By developing an enhanced Surface-enhanced Raman scattering (SERS) sensor, the scientists were able to detect “hot spots” in urine samples. These hot spots picked up and amplified certain molecular compounds that point toward cancer.
After creating a urine test strip and a handheld testing machine, the researchers obtained urine samples from a number of patients with pancreatic or prostate cancer to see how well the test functioned.
In addition to obtaining urine samples from 19 patients with pancreatic cancer and 39 patients with prostate cancer, the researchers collected samples from 40 cancer-free males and 20 cancer-free females.
The test was overall able to detect 99% of the cancerous samples.
Detecting cancer earlier?
“Since early diagnosis is the most important for incurable diseases such as cancer, we expect this technology to provide a new diagnostic method,” says study author and research lead Ho Sang Jung, who is in charge of the research.
Dr. Domenech Asbun, a hepatobiliary, pancreas, and foregut surgeon at Miami Cancer Institute, part of Baptist Health South Florida, spoke with Medical News Today about the study.
“The authors use an interesting combination of technology—including established complex physics and cutting-edge deep learning models—in attempts to solve a long-standing problem: how do we diagnose occult cancers in the general population before it’s too late?” he said.

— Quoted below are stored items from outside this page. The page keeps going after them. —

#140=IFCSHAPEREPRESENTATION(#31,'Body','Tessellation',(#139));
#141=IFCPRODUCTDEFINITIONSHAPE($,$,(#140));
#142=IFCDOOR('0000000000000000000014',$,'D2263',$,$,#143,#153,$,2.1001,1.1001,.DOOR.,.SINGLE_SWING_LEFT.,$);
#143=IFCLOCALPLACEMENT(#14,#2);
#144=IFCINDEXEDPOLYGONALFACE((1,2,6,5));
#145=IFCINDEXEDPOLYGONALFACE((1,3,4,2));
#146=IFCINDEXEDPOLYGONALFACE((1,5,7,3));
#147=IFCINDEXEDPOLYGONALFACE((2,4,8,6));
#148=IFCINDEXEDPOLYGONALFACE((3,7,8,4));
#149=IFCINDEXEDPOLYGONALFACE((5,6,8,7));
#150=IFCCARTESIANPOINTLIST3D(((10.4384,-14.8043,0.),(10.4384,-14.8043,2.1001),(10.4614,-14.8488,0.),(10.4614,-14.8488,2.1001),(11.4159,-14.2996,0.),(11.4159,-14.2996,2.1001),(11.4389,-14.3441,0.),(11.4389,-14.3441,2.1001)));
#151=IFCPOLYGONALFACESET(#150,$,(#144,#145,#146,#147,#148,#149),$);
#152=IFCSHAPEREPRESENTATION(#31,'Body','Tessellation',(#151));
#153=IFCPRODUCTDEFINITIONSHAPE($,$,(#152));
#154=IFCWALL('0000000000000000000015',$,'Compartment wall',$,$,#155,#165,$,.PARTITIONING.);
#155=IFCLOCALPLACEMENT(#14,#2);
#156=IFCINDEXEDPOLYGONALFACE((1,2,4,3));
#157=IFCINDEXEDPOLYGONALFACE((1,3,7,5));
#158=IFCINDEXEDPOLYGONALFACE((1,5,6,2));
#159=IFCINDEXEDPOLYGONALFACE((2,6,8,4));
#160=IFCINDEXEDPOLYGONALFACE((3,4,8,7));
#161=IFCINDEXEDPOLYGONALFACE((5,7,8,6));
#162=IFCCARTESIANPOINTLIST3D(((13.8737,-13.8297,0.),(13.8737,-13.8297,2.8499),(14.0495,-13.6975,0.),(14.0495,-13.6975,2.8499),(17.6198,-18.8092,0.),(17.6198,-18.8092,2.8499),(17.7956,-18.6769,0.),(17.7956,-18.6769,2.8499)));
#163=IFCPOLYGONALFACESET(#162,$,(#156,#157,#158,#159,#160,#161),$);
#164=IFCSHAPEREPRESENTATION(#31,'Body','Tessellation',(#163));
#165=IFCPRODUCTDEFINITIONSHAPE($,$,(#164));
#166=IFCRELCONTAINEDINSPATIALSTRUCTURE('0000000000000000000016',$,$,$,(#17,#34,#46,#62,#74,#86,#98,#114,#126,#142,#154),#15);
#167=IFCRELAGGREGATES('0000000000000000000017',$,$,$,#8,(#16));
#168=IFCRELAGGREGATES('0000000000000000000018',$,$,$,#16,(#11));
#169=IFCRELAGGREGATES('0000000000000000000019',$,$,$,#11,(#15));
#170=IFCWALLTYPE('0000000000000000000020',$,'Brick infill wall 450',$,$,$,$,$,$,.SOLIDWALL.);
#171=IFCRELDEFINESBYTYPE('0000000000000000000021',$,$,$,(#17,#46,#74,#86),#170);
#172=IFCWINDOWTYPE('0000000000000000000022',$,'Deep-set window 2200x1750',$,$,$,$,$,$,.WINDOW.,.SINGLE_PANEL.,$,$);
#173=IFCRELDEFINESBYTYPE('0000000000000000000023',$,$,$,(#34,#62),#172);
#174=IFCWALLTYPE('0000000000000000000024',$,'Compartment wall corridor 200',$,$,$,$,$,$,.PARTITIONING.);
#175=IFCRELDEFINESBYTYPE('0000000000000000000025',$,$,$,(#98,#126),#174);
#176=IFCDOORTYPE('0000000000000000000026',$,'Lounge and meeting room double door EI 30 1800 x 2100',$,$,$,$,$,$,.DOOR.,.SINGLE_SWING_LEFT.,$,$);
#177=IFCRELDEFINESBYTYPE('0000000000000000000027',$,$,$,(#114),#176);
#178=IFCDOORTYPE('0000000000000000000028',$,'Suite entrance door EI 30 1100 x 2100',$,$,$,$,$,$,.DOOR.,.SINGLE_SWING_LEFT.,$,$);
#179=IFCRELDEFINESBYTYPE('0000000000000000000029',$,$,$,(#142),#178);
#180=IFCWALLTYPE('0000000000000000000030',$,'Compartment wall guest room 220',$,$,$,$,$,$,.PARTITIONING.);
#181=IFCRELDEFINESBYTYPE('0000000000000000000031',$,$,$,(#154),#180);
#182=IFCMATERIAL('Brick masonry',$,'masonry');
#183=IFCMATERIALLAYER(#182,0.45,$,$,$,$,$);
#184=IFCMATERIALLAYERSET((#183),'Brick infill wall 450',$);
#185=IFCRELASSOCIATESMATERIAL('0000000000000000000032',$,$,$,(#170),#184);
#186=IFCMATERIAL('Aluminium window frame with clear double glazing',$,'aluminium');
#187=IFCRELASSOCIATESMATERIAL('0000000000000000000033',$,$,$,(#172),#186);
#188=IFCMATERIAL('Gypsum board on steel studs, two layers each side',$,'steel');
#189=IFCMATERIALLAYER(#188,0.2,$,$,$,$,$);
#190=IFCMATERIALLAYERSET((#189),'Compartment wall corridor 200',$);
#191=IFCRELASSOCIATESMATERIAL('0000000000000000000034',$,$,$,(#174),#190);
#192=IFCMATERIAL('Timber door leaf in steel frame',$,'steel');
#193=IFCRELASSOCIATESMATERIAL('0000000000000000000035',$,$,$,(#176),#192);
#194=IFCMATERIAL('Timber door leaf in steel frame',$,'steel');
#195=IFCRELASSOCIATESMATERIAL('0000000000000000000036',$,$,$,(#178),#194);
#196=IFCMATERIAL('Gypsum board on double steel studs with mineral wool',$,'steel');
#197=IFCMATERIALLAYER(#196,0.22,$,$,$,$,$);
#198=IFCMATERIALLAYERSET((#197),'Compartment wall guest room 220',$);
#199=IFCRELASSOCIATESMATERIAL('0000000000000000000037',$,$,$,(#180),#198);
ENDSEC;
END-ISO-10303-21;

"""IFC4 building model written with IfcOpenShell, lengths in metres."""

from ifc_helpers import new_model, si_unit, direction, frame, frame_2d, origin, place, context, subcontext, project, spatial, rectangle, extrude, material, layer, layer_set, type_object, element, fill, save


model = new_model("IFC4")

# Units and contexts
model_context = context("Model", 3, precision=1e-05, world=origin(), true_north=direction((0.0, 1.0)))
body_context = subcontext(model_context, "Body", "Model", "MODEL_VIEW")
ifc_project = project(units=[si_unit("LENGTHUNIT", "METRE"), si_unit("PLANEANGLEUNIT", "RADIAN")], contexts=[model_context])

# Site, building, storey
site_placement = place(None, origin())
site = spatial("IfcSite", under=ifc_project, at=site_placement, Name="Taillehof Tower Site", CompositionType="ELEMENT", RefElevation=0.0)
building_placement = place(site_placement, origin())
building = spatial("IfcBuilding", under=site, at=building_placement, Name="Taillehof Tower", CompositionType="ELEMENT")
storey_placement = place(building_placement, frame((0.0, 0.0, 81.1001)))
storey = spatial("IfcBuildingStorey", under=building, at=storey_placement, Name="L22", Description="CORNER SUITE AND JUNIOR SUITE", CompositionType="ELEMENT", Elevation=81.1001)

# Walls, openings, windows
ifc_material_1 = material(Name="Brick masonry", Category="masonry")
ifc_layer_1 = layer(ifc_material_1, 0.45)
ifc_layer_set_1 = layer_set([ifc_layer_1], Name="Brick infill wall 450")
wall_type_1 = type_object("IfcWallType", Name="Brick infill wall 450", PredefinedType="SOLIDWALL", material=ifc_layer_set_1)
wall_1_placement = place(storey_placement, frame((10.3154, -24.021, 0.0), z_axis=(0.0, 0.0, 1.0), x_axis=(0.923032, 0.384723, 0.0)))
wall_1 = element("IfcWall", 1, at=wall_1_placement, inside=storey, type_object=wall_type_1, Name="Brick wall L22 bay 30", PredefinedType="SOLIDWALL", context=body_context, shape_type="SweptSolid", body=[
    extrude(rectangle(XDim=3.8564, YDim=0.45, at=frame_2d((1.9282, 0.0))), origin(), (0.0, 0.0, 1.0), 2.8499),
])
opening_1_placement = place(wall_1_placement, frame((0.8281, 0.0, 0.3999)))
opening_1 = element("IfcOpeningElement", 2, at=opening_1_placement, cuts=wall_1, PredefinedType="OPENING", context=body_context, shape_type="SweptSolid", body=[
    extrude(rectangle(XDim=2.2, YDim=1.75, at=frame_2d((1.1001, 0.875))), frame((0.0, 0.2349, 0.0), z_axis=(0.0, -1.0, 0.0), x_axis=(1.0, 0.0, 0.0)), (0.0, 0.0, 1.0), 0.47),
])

“The findings in this study may provide an important step forward in finding practical ways to diagnose cancers that oftentimes grow undetected. If the results can be reproduced on a larger scale, these tests may allow for early treatment of cancers that are quite often deadly when undetected for too long.”
— Dr. Domenech Asbun
The future of this technology
Jung spoke with Medical News Today about the future of this research and said they are expanding on it by testing more subjects.
“The number of patients tested using our system is continuously growing. Our team is trying to get as many clinical samples as possible to build more general deep-learning models with better accuracy,” said Jung.
Jung also said they want to be able to test for more than just two types of cancer.
“The next step in this research is broadening applicable cancer types. Now, our team just finished testing clinical samples of pancreatic cancer, prostate cancer, lung cancer, and colorectal cancer simultaneously, and our team is expected to submit an article this year.”
In addition to expanding on cancer types, Jung says they envision at-home testing kits in the future.
“Because the developed diagnostic method uses urine, it is noninvasive thus it would be more beneficial in terms of usability when it is applied for self-testing or rapid-kit-testing at home, pharmacy, or any places where they can provide some clinical information.”